Good article from CE:
For the past three Sundays, my Cincinnati parish bulletin has included a “factoid” from Catholics United for the Poor (CUP), which asks: "DID YOU KNOW THAT…? The current minimum wage of $5.15 per hour has not been adjusted since 1977, despite inflation. A person making minimum wage and supporting a family of four today, is 55% below poverty level. In 1968 the minimum wage was $1.61 and would translate into an equivalent minimum wage of $8.55 today."
The reason for this is that Ohio has a proposal on the fall ballot to raise its minimum wage, from $5.15 per hour to $6.85, and last June Cincinnati Archbishop Daniel J. Pilarczyk announced his support for it.
"Wages must be adequate for workers to provide for themselves and their families in dignity,” wrote the Archbishop. “Although the minimum wage is not a living wage, the Catholic bishops have supported increasing the minimum wage over the decades.”
Archdiocesan Social Action director Tony Stieritz has been lobbying local Catholics to “educate themselves about the issue” and vote for it in November, where it will appear on the ballot as “Issue 2.”
According to most independent economists, i.e., those not on a government or union payroll, mandatory wage hikes are job-killers. The logic behind this is simple: when you make the supply of something more expensive without a commensurate increase in demand, buyers — in this case employers — want less of it.
A study of Issue 2 conducted by the Employment Policies Institute concluded that its passage would result in a loss of almost 12,000 jobs and impose a $308 million hit on the already-struggling Ohio economy. But who it hits is even more troubling:
Most of the economic cost — $202.6 million — stems from increased labor costs for employers. A significant portion, however — $105.9 million — is the result of lost income for the almost 12,000 employees who will lose their jobs. More than half of the job losses fall on those under 25, and nearly one-third on those earning less than $25,000, adding cruel irony to the consequences.

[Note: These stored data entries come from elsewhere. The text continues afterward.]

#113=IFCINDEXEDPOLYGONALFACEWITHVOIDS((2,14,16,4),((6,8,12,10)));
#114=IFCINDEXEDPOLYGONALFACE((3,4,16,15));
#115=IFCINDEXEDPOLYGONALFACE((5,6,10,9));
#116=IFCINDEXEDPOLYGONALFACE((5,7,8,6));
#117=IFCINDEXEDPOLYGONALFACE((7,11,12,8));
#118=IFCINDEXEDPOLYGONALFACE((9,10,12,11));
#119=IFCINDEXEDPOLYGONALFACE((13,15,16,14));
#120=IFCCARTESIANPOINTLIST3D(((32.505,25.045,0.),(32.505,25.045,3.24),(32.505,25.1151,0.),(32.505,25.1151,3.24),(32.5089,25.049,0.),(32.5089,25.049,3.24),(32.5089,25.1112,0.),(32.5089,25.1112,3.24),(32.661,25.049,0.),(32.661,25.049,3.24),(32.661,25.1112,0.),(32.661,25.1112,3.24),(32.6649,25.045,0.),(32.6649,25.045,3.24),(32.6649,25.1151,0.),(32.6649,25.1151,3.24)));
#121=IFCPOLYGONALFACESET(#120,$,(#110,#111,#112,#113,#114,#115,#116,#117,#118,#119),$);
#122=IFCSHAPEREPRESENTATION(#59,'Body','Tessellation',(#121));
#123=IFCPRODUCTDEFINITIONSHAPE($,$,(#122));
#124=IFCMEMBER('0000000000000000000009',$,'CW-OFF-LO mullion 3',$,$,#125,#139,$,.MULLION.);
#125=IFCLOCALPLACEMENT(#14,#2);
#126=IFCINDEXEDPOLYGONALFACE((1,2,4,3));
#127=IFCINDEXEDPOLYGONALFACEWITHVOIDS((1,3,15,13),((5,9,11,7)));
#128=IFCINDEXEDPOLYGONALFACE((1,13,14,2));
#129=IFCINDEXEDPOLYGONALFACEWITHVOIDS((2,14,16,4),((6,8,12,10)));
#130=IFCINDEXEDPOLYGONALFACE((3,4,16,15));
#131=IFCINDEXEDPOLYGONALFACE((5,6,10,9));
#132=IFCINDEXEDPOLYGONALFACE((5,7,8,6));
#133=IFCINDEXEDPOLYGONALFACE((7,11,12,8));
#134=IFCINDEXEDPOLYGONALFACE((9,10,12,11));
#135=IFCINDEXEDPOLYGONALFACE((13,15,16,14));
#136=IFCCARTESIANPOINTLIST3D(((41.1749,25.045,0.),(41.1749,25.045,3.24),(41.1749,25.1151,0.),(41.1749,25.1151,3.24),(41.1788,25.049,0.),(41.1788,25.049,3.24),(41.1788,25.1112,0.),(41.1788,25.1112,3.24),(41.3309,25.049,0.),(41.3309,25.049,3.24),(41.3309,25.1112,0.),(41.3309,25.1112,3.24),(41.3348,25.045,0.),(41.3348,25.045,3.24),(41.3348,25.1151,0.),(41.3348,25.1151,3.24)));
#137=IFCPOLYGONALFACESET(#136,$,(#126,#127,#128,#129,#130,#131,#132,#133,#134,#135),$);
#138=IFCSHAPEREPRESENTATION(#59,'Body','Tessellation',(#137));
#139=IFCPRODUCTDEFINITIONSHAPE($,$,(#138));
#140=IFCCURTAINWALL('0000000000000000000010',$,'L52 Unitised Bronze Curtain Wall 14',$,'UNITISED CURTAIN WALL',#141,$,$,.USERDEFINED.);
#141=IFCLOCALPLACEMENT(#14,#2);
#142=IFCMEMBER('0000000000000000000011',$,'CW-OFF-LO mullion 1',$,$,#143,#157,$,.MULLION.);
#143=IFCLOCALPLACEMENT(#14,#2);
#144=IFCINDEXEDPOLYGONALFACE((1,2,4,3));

In a pointed October 23 editorial, the Wall Street Journal reported that “Ohio’s unemployment rate is a full percentage point higher than the national average at 5.7%, and the state has recorded a net job loss of 150,000 since 2001.”
Mr. Stieritz has circulated an “Issue Discernment Form” in support of Issue 2 that encourages supporters to quote passages from the landmark papal encyclical Rerum Novaraum, specifically paragraphs 31 and 32. Missing is a reference to paragraph 45, which states “Let the working man and the employer make free agreements, and in particular let them agree freely as to the wages” unless those wages are “insufficient to support a frugal and well-behaved wage-earner.”
How “insufficient” are Ohio’s wages? Even if we give the proposal the benefit of the doubt and discount its costs, very few people are falling through the crack the mandatory hike intends to fill. Northeast Ohio’s Beacon Journal reported last July that 98% of Ohio workers already make more than the minimum wage. Of the remaining 2%, many are employed in the restaurant industry, where tips easily lift them above the mandatory minimum.
Moreover, those earning the minimum wage by and large aren’t the “working men” Rerum Novarum sought to protect. According to John Goodman of the National Center for Policy Analysis, they are overwhelmingly teenagers, and 90% of them will find their wages raised to more than the minimum wage in less than a year.
So in the end, neither the encyclical nor any other magisterial document suggests that Catholics ought to support mandatory wage hikes like this. Indeed, per the Congregation for the Doctrine of the Faith’s 2002 “Doctrinal Note on Some Questions Regarding Participation of Catholics in Political Life,” they are precisely the sort of issues about which Catholics may legitimately disagree.
There is also a hard, partisan edge to this proposal. The Wall Street Journal reported that “Issue 2 was initiated by the AFL-CIO and national anti-business activist groups like Acorn.” Voters in five other states will also decide on a minimum wage referendum this fall, and “it’s not a coincidence that nearly every one of these states features a competitive Congressional or gubernatorial race.”
Why does this matter? The Church, as an important participant in the public arena, does not have an endless supply of political capital. Time and effort spent promoting potentially partisan causes means less time and effort available for other causes more central to Catholic teaching.
In a March 2006 address, Pope Benedict made a similar point. “As far as the Catholic Church is concerned, the principal focus of her interventions in the public arena is the protection and promotion of the dignity of the human person, and she is thereby consciously drawing particular attention to principles which are not negotiable.”
The Holy Father then specifically addressed what those non-negotiable principles are: (1) “Protection of life in all its stages, from the first moment of conception until natural death”; (2) “Recognition and promotion of the natural structure of the family, as a union between a man and a woman based on marriage”; and (3) “The protection of the rights of parents to educate their children.”
Issue 2 is polling well and likely will pass next month. But I can’t help thinking that nobody wins if it does. Not workers in low-paying jobs that the hike puts in jeopardy. Not Ohioans whose business owners are now saddled with more costs and regulations. And not the local Church, which expended capital on a cause that is at most a judgment call for Catholics.